In This Issue
Expansion of Frontiers of Engineering
December 1, 2003 Volume 33 Issue 4

Internet Security

Monday, December 1, 2003

Author: William R. Cheswick

Attacks on the Internet can be expensive and inconvenient, but they are not generally dangerous.

One of the design principles of the Internet was to push the network intelligence to the “edges,” to the computers that use the network rather than the network itself (Saltzer et al., 1984). Any given edge computer could send packets to any other edge host, leaving the details of packet delivery to the routers in the center of the network. This principle greatly simplified the design of the routers, which simply had to hot-potato packets toward the appropriate edge host as efficiently as possible. Routers could drop packets if there was congestion, leaving the edge hosts to provide reliable data delivery. Under this scheme, routers could relay packets with few complications, and they could be implemented in state-of-the-art hardware. Routers at the core of the Internet have benefited from Moore’s Law an operated at its limits since the late 1970s.

This approach is in direct contrast to the standard telephone system, in which the intelligence resides in centrally controlled phone switches, and the edges have dumb terminals (i.e., standard telephones). In the phone system, the phone company invents and implements the technology. In the decentralized Internet approach, edge computers can install arbitrary new protocols and capabilities not envisioned by the designers of the Internet; the World Wide Web is the most obvious example.

As a result of this design, most current newspaper articles covering the Internet refer to things that happen at the edges. Viruses infect PC clients, worms attack network servers, and the Internet dutifully delivers denial-of-service attack packets to the edges. (For the security concerns of edge hosts, see Wagner, in press.)

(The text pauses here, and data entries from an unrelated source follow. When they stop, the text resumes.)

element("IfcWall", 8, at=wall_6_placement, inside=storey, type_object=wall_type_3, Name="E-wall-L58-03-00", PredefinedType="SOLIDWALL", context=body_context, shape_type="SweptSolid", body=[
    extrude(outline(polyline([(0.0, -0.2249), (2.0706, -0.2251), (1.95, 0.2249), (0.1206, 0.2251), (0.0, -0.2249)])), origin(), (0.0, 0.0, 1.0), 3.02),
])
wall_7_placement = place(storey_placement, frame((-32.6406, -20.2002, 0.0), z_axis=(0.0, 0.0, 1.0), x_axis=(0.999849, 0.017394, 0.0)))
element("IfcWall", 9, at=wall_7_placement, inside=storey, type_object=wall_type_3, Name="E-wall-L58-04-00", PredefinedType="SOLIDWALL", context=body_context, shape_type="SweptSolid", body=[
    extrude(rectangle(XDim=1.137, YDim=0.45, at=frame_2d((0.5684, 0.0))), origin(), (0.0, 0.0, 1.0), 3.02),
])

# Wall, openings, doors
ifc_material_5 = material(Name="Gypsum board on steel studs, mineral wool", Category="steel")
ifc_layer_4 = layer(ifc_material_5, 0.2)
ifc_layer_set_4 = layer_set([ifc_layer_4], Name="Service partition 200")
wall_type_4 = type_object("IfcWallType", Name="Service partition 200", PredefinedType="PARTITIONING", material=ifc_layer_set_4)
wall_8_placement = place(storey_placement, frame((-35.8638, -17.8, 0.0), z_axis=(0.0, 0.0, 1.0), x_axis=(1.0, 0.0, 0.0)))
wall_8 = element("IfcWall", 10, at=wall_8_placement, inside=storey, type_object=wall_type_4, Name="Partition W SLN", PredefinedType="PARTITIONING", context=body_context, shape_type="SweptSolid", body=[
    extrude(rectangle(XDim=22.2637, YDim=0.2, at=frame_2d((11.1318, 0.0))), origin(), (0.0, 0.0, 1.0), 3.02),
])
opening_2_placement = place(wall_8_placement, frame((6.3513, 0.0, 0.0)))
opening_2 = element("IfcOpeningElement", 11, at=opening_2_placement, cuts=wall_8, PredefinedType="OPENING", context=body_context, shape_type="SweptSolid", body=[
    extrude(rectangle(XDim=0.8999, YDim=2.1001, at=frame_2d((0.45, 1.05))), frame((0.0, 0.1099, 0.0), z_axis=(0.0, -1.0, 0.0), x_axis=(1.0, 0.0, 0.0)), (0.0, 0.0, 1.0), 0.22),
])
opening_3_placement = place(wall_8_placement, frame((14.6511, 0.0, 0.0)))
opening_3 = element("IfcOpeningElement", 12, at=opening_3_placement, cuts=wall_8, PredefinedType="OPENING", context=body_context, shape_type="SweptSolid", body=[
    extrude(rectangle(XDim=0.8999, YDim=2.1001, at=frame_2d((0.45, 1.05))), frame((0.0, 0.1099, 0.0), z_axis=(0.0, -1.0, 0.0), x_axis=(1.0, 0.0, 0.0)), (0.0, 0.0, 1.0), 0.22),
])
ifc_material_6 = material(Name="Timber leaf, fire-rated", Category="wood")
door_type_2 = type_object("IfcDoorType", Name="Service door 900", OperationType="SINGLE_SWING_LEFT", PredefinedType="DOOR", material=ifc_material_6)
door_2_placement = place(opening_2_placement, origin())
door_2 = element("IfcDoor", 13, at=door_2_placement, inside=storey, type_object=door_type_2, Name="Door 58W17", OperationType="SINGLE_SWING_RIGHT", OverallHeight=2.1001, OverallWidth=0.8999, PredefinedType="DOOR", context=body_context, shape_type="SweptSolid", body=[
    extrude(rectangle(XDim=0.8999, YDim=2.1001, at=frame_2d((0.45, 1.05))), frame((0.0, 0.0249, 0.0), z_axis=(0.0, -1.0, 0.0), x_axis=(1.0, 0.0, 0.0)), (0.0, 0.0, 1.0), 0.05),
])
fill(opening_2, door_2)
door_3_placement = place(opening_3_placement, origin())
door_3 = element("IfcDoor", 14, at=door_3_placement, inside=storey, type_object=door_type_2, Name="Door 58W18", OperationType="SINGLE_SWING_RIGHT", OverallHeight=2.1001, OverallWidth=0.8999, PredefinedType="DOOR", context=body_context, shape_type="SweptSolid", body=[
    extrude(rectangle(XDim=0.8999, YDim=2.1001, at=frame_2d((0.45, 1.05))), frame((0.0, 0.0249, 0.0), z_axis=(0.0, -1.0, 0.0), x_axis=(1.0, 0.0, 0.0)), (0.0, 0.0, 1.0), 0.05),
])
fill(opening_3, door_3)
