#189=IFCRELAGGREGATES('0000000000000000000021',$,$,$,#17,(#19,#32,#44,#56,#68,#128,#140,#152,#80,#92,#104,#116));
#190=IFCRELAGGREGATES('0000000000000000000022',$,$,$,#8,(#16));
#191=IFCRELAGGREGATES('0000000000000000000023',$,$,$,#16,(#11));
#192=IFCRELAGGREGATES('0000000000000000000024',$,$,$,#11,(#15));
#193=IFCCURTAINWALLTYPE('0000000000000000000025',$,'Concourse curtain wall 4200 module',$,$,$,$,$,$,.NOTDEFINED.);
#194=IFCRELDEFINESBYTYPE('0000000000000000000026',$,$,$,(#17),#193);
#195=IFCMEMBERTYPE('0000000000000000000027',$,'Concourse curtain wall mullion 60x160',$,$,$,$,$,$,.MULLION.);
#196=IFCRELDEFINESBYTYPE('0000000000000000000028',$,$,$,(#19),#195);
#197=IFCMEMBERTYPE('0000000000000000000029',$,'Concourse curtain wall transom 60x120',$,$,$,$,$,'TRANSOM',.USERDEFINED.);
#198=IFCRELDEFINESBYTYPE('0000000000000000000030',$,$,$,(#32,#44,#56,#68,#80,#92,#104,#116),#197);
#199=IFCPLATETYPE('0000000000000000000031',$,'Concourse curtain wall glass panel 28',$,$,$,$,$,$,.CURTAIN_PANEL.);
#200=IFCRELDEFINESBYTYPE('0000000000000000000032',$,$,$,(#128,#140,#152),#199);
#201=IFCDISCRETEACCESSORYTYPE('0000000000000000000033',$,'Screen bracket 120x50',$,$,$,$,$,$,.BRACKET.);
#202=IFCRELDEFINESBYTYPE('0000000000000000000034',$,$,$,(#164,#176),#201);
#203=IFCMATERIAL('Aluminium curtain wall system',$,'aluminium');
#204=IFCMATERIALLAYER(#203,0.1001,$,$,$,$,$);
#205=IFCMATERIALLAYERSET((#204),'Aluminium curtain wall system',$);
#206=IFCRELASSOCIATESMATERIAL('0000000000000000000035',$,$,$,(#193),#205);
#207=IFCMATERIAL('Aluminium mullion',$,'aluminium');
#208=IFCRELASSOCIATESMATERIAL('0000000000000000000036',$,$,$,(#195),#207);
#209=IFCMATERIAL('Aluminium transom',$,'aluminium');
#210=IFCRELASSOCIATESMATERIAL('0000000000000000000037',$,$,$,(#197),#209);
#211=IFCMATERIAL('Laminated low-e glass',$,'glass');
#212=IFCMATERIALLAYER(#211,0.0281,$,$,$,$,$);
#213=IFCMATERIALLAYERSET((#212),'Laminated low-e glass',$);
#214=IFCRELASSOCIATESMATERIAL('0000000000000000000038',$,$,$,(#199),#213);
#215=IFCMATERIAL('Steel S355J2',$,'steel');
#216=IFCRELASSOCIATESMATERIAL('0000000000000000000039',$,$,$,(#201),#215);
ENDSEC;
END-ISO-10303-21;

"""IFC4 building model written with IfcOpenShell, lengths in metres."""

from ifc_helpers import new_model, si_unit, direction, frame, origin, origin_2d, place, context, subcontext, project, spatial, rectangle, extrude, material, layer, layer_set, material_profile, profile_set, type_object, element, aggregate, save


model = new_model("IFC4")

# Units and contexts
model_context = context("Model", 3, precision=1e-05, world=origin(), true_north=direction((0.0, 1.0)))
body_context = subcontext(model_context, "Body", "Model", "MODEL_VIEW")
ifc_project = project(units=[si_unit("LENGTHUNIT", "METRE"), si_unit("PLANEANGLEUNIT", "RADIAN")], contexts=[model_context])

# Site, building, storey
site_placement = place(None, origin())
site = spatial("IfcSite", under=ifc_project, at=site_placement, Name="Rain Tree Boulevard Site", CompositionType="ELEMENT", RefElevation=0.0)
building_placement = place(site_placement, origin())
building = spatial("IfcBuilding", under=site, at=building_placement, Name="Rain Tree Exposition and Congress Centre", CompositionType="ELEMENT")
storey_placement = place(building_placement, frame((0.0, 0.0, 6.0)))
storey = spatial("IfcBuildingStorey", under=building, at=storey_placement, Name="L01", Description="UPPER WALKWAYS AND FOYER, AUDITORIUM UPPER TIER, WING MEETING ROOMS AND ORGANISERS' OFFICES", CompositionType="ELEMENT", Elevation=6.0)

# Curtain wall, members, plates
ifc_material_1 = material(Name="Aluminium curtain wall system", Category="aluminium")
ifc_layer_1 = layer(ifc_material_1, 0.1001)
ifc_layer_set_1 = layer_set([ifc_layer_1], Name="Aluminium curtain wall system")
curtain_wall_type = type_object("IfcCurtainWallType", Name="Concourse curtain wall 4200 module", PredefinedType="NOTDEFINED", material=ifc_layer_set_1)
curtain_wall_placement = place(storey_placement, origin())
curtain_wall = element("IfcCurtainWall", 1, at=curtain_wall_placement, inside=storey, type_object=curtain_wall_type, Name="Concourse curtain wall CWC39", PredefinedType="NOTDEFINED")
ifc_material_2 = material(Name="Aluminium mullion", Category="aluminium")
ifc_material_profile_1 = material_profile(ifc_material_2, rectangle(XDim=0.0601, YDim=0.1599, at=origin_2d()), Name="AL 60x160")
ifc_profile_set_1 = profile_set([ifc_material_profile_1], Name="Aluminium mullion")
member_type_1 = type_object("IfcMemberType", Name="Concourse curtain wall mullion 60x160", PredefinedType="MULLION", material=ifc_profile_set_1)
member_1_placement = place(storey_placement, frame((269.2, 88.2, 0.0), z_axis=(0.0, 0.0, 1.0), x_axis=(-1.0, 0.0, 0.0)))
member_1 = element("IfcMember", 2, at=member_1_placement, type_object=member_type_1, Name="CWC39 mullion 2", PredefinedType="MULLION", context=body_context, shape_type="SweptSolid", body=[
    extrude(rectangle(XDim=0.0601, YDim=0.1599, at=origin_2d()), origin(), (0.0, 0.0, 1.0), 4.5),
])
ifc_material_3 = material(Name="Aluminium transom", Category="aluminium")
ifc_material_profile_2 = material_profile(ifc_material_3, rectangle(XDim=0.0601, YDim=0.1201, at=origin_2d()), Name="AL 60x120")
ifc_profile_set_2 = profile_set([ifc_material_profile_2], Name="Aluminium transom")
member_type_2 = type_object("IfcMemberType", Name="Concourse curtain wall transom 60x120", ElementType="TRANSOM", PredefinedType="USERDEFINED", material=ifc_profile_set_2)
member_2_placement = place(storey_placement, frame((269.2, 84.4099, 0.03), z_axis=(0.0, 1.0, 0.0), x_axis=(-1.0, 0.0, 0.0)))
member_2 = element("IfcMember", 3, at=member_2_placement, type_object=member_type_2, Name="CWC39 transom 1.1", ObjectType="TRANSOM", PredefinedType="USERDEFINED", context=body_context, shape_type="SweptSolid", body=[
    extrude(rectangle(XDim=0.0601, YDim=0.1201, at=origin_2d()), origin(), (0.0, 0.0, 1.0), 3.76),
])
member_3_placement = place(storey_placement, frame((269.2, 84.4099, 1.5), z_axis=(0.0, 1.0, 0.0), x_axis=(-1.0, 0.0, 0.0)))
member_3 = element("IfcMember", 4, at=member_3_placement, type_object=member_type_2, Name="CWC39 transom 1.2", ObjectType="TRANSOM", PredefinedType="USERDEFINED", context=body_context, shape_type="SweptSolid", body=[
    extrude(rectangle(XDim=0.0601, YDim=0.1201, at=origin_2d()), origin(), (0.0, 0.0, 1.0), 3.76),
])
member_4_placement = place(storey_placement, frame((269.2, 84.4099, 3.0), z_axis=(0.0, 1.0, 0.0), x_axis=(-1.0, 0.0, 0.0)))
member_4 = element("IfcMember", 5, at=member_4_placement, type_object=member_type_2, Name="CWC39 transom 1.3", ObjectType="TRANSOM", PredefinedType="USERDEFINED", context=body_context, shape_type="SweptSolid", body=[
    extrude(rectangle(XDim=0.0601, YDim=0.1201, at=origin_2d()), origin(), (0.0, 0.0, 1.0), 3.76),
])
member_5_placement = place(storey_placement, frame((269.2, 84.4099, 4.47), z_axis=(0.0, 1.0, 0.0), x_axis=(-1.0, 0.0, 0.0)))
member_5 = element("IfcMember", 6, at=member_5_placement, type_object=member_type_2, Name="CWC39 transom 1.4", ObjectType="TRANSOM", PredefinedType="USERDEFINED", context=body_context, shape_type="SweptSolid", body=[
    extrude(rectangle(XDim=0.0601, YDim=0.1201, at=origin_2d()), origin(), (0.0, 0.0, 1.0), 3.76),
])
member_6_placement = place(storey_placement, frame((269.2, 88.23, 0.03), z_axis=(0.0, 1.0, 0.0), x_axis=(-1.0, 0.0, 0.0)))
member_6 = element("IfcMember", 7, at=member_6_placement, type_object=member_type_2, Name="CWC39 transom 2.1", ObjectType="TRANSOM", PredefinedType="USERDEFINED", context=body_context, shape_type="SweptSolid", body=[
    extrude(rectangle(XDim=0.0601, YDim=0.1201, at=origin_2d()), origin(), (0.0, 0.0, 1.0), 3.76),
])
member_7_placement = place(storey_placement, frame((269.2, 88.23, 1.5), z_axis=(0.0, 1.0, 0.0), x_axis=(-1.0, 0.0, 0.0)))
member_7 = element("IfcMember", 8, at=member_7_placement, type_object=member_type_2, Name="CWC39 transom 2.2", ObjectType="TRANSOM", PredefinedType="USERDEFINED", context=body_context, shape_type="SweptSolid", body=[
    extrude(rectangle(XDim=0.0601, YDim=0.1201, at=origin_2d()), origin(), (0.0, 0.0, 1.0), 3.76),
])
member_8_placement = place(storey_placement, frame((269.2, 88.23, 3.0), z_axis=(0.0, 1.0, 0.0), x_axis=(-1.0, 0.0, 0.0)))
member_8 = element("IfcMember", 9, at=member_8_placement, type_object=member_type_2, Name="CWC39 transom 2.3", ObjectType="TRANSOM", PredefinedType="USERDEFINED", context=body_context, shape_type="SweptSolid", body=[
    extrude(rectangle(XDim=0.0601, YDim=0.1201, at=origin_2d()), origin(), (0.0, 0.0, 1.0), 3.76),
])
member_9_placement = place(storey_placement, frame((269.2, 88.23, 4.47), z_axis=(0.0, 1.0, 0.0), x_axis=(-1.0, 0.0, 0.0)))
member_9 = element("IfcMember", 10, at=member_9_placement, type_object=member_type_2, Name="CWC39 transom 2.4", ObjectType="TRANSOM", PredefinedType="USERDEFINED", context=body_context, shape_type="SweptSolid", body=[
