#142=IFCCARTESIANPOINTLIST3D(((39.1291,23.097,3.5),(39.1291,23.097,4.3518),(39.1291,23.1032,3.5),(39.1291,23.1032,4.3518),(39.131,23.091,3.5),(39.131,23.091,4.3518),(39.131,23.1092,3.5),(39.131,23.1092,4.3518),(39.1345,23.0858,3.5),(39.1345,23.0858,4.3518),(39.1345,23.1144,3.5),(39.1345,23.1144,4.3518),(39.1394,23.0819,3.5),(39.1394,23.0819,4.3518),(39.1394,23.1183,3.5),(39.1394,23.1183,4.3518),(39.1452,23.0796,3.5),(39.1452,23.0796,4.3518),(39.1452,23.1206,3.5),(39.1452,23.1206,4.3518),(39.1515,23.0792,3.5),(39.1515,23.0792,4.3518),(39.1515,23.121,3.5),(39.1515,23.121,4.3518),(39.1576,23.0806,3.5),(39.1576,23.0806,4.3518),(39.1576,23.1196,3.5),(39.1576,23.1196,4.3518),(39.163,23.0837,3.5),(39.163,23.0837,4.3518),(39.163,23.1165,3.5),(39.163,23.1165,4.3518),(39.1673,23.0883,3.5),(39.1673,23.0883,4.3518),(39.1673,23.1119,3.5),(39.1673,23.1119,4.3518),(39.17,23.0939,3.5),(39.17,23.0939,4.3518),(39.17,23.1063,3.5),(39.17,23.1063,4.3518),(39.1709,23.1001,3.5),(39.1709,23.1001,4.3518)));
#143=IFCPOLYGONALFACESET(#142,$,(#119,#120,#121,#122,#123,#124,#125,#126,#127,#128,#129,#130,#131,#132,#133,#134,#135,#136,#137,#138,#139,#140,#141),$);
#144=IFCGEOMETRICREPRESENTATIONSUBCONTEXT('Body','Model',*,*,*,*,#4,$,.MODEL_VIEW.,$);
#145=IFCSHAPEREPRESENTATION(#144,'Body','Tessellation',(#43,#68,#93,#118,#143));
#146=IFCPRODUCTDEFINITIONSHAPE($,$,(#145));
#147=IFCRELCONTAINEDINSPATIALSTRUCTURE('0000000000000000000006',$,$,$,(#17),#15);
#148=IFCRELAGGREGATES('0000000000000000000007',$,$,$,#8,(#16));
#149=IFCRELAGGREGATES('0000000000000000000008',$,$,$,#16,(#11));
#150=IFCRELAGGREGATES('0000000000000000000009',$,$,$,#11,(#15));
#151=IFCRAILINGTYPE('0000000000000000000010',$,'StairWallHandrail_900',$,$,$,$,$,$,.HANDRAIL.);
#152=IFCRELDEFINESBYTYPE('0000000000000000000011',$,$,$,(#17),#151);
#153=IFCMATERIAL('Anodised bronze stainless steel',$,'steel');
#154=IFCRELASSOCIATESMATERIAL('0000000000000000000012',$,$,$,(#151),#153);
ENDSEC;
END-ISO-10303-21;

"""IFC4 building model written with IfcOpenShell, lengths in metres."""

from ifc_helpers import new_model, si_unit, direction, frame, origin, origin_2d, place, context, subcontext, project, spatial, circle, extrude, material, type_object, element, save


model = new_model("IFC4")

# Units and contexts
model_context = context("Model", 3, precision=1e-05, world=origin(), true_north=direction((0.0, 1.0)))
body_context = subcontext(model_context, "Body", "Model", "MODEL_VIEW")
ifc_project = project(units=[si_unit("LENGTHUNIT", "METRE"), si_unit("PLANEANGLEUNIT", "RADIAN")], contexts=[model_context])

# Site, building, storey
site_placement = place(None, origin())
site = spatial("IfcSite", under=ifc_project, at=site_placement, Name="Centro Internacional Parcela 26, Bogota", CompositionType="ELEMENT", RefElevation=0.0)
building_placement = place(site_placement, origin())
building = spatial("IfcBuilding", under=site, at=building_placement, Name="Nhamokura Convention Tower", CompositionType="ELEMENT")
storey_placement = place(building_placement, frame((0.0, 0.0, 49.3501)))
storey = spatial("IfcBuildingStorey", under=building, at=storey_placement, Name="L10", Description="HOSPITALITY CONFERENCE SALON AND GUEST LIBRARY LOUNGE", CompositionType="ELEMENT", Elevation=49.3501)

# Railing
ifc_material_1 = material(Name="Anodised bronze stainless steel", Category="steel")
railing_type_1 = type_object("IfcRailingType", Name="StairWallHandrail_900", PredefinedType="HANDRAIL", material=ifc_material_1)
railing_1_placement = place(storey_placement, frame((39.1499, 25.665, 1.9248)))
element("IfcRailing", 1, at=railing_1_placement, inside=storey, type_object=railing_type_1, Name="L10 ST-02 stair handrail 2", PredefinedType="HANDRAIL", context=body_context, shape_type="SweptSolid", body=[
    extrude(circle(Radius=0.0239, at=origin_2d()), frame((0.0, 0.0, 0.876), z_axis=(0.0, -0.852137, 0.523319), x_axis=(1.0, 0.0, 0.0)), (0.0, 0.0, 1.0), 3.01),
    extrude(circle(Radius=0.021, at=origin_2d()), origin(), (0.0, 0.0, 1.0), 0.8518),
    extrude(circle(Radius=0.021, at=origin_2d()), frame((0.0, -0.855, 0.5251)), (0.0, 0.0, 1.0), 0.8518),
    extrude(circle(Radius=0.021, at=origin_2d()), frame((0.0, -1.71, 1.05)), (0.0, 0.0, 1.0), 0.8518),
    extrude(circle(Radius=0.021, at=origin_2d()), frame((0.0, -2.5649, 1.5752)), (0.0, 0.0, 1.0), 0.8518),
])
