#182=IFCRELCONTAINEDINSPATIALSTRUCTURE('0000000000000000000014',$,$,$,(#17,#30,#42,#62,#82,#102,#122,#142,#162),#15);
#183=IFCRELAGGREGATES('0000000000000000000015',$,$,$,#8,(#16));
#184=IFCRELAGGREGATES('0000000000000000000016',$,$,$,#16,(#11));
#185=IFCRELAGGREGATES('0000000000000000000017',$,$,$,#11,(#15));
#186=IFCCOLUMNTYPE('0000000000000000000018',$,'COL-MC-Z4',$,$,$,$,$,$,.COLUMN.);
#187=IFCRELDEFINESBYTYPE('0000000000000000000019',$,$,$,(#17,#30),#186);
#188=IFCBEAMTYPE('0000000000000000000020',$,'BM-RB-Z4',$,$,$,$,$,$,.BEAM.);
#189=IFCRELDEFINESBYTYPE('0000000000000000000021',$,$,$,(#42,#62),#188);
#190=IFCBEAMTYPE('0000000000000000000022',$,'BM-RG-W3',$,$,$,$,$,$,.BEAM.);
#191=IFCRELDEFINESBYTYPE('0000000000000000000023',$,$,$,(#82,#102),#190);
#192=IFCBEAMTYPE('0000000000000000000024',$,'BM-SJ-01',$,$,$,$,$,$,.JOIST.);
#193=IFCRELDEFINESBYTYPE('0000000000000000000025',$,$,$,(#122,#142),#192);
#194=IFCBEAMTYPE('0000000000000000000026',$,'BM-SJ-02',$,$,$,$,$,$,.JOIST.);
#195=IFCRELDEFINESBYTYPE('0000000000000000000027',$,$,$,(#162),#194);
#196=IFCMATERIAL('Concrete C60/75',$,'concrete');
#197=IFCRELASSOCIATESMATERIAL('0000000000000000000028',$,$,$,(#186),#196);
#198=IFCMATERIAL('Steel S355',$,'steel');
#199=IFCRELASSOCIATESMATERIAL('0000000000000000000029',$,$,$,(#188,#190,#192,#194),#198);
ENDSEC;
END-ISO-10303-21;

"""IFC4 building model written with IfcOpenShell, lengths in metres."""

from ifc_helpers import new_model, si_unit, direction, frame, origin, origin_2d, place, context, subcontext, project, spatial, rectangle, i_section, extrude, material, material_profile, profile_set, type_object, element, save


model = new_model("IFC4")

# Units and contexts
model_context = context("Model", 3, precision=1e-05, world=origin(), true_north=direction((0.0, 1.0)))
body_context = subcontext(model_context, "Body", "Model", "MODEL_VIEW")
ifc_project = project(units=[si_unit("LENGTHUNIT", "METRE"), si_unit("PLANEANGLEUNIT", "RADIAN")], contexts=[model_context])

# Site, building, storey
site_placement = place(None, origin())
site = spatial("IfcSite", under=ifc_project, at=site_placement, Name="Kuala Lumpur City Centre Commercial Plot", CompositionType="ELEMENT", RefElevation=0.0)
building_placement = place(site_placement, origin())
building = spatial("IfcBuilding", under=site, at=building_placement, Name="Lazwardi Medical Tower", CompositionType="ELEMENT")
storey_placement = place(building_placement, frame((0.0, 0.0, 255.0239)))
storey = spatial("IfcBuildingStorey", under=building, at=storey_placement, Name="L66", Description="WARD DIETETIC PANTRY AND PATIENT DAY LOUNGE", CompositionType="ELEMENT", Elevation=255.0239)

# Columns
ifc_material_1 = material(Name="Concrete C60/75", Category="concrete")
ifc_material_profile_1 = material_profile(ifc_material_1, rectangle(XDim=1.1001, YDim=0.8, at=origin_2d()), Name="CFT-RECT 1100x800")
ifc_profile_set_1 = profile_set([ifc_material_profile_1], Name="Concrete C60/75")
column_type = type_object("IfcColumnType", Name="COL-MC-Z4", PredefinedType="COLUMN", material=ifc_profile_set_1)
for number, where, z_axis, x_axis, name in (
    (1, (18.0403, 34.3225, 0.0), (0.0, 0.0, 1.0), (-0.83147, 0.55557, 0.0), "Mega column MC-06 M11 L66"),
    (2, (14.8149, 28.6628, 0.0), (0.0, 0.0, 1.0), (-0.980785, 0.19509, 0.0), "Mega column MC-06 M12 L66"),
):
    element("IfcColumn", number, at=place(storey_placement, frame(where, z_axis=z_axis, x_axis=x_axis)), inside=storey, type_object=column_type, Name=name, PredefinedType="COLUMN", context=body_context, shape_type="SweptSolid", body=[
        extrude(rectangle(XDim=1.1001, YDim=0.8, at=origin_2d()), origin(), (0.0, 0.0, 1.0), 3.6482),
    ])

Most Internet edge hosts play the role of “clients” or “servers,” despite the popular use of the term “peer-to-peer” networking. A client requests a connection, and a server provides the service. Servers usually take all comers and must be accessible to a large number of hosts, most of which are clients and are privately owned. Hosts must connect to servers but aren’t necessarily servers, which makes them harder to attack.

A large majority of edge computers on the Internet are probably susceptible to attack and subversion at any given time. Because it is not economically feasible to harden all of these hosts, they are isolated from the rest of the Internet and many potential attacks by breaking the end-to-end model. It is impossible to mount a direct attack on a computer that cannot be reached. The trade-off between security and functionality does decrease the envisioned power and functionality of the Internet somewhat. Often, there is no satisfactory trade-off: the choice is between an unsafe service and no service at all.

Enclaves of edge computers are isolated topologically, through firewalls, routing tricks, and cryptography. At the same time, trusted communities of hosts, called intranets, allow businesses to operate with a reduced probability of successful attacks. This approach tends to create an organization with a hard outside and a soft, chewy center. Insider attacks can (and do) occur fairly often, and perimeter defenses often, even usually, contain holes.

Firewalls
Although network services can (and should) be hardened when necessary, the easiest defense is to get out of the game--to turn off the service or render it unreachable by attacking hosts. This can done by completely disconnecting the network from the Internet (as some high-security government networks have done) or by connecting it through a device that blocks or filters incoming traffic, called a firewall. Complete disconnection offers the best security, but it is very unpopular with most users, who may then seek to use sub rosa connections.

Nearly all corporate networks, and portions of many university networks (which have traditionally been open and unfiltered), use firewalls of varying strictness to cleanse incoming packet flows. Most consumers also have firewalls in their cable modems, DSL routers, wireless base stations, or client computers.

Firewalls provide a central site for enforcing security policies. Many companies provide a few firewalls as gateways between the corporate intranet and the Internet, equipped with the rules and filters to enforce the company’s security policies. The Internet security expertise, which is scarce and expensive, is situated at a few centralized choke points. This lowers the costs of configuring perhaps hundreds of thousands of corporate hosts to resist software attacks from random strangers and malicious software (“malware”).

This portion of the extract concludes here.